Sometimes I think he has graduated from the He-Man Woman Haters Club and then he goes on a rant, and I can see that he is still president and CEO, which is kind of what happened tonight. I just roll my eyes and laugh because what else can you really do, and most of the time I think it's funny even though he's wr-wr-wrong!! And the comments aren't meant to be offensive anyway. Tonight he started calling himself Superman and when I asked why, he said it was because nobody else will do it for him. I found it funny, partially because he had yet to hear that his euphemism in my blog is He-Man, who's kind of a superhero. :)


I promise this entry had a point when I started it but it's too late now and I'm not making sense to myself, so I think I'd better close. Good night everyone! (Actually, I should probably say Good morning because I'm sure that's when most of you will be reading this.) Here's a picture of us at the baseball game, sans me of course since I took the picture.

Tuesday, July 7, 2009

Limbo Land. Social Siberia and hope's bright shining face

Wow! It's been awhile since I've written in here. It's not for lack of subject matter that I have chosen not to write--it's more lack of time. And I always wonder why is it that everything seems to happen all at once?

Last week was somewhat of a hell week for me, I'm afraid. I've been doing a major project for my freelancing client that has taken up oodles of my time. It has a fairly tight deadline and I agreed to do it even though I knew it would stress me out. It wouldn't have been quite so bad if that was the only thing, but I also had a lot of company last week, some of which I hadn't planned on. Mind you, all of my company was very much welcome, but it was just hard when I had this project hanging over my head. I felt I didn't enjoy seeing my family as much as I would have ordinarily because I knew I needed to get this project done.

But I have forged bravely ahead and the end of the project is in sight. It's going to take much of my strength to put my nose to the grindstone for the next few days, but I have no fear that I'll be able to ride it out. :) I haven't figured out what my reward will be for finishing it, but I'll think of something good I'm sure. And I can't wait to leave the Social Siberia this project has placed me in! Soon I'll be free!

Tonight I was a little bit between editing so I ended up with some free time (gasp!) and even though it's what I've wanted, it felt weird to me. This could've been because I knew more work would arrive shortly, but the reprieve was nice. I'm feeling refreshed and anxious all at the same time. Why do I have to be so complicated and feel so many things at once?!

Anyway, the purpose of this entry is not to whine about my busyness (and, yes, I might've just made that word up) but to talk about the fact that I feel like I'm in limbo land. I'm feeling like something is missing, but I'm just not sure what. Thanks to an important session in the temple with my parents last Friday, I'm feeling like I have something concrete to work toward, but I'm still figuring out how to get there. This goal is something that is definitely going to stretch me, which is why it'll take so much preparation, but if I'm supposed to do it, as I felt strongly that I am, the way will be opened for me as long as I do my part.

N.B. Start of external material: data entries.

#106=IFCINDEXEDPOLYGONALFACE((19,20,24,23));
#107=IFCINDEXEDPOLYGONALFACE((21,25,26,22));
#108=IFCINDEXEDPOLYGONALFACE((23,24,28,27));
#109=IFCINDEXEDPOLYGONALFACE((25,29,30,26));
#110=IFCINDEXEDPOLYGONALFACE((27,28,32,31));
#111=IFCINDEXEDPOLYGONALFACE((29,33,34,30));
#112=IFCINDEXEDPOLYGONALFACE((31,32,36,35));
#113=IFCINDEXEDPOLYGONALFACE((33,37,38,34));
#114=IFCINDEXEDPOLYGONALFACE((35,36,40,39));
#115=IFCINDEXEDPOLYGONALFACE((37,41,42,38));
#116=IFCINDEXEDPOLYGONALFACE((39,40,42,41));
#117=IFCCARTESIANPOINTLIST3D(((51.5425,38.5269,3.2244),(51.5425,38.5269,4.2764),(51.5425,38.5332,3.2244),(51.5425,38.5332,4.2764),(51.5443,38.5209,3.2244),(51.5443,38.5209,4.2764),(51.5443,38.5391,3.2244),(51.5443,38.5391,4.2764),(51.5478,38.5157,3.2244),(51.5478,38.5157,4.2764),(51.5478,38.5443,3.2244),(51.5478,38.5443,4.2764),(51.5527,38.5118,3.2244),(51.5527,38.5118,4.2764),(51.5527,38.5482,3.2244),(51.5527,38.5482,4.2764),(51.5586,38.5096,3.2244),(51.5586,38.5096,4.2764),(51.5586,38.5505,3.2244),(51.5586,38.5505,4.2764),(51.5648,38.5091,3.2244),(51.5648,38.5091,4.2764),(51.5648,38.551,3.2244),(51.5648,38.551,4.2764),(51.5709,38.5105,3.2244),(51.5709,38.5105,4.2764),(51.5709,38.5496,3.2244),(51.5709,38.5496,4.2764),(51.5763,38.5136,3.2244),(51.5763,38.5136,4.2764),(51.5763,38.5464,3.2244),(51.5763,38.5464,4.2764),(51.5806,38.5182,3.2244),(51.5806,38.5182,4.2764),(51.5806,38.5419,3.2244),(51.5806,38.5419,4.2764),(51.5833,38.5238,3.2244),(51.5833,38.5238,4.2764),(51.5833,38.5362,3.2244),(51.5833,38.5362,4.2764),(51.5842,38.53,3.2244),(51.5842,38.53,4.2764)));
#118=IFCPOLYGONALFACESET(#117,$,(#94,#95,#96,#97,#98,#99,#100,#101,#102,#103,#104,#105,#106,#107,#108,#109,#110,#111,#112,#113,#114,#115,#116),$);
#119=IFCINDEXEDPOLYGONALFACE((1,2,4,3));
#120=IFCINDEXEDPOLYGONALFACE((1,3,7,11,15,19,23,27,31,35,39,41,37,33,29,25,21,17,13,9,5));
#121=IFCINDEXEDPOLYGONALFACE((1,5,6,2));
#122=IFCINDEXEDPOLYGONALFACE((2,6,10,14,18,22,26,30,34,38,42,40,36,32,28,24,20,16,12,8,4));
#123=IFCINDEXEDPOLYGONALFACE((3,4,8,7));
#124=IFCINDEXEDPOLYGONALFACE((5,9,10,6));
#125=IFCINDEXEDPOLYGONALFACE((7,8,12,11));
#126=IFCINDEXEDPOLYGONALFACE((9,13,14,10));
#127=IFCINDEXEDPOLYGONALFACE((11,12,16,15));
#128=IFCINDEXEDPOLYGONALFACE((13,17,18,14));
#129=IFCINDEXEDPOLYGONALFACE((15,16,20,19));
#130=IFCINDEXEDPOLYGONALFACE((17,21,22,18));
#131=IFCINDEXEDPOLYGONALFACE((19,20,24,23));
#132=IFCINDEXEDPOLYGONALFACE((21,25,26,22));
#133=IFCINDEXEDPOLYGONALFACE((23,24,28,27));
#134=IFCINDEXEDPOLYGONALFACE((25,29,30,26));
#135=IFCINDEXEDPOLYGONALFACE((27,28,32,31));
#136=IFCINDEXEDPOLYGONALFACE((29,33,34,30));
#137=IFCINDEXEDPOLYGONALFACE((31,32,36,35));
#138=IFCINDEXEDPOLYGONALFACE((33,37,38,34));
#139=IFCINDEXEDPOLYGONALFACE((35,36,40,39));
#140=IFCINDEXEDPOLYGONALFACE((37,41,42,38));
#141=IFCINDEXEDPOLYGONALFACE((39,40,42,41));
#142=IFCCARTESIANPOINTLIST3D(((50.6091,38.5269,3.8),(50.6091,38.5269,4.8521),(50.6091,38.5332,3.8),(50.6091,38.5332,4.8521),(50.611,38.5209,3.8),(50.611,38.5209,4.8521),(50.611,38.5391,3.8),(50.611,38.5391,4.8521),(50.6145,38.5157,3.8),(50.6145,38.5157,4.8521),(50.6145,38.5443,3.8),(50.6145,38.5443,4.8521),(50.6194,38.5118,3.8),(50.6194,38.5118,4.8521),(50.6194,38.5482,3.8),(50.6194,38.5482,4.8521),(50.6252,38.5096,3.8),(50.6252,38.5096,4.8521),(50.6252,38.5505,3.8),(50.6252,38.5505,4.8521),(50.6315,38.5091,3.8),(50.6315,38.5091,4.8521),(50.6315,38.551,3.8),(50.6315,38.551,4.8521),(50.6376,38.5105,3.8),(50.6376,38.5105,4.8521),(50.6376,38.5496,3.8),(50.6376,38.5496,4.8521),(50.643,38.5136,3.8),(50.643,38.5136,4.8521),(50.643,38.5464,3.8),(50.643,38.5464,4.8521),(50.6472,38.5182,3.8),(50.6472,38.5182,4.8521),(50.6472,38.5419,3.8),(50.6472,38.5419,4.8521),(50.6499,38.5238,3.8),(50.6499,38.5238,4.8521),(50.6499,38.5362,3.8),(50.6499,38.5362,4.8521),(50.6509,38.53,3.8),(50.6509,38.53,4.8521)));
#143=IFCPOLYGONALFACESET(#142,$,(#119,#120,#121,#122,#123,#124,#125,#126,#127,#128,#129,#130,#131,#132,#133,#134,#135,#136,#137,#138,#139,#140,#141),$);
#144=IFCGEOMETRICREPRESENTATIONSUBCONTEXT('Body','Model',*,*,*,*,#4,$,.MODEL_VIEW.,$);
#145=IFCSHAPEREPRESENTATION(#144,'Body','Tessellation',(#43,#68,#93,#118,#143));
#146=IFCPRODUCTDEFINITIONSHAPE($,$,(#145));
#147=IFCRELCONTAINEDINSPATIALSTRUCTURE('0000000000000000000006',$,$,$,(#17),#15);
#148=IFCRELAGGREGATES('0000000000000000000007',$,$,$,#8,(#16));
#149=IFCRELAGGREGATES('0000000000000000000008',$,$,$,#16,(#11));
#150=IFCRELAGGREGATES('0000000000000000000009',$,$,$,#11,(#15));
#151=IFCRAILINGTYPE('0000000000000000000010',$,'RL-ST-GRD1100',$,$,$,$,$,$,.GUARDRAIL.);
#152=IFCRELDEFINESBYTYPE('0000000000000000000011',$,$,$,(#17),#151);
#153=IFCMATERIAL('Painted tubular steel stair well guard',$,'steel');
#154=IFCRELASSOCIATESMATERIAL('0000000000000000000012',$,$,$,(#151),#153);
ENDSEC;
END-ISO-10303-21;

Despite feeling somewhat lost and in limbo, I'm also hopeful that everything is going to be okay. Along with faith, hope is a strong emotion that can carry us through almost anything. This I have discovered many times over, especially in the last year and a half. My exile to Social Siberia (or editing prison as the case may be) will soon be over and my evenings will once again be mine. Yay! That's a happy thought!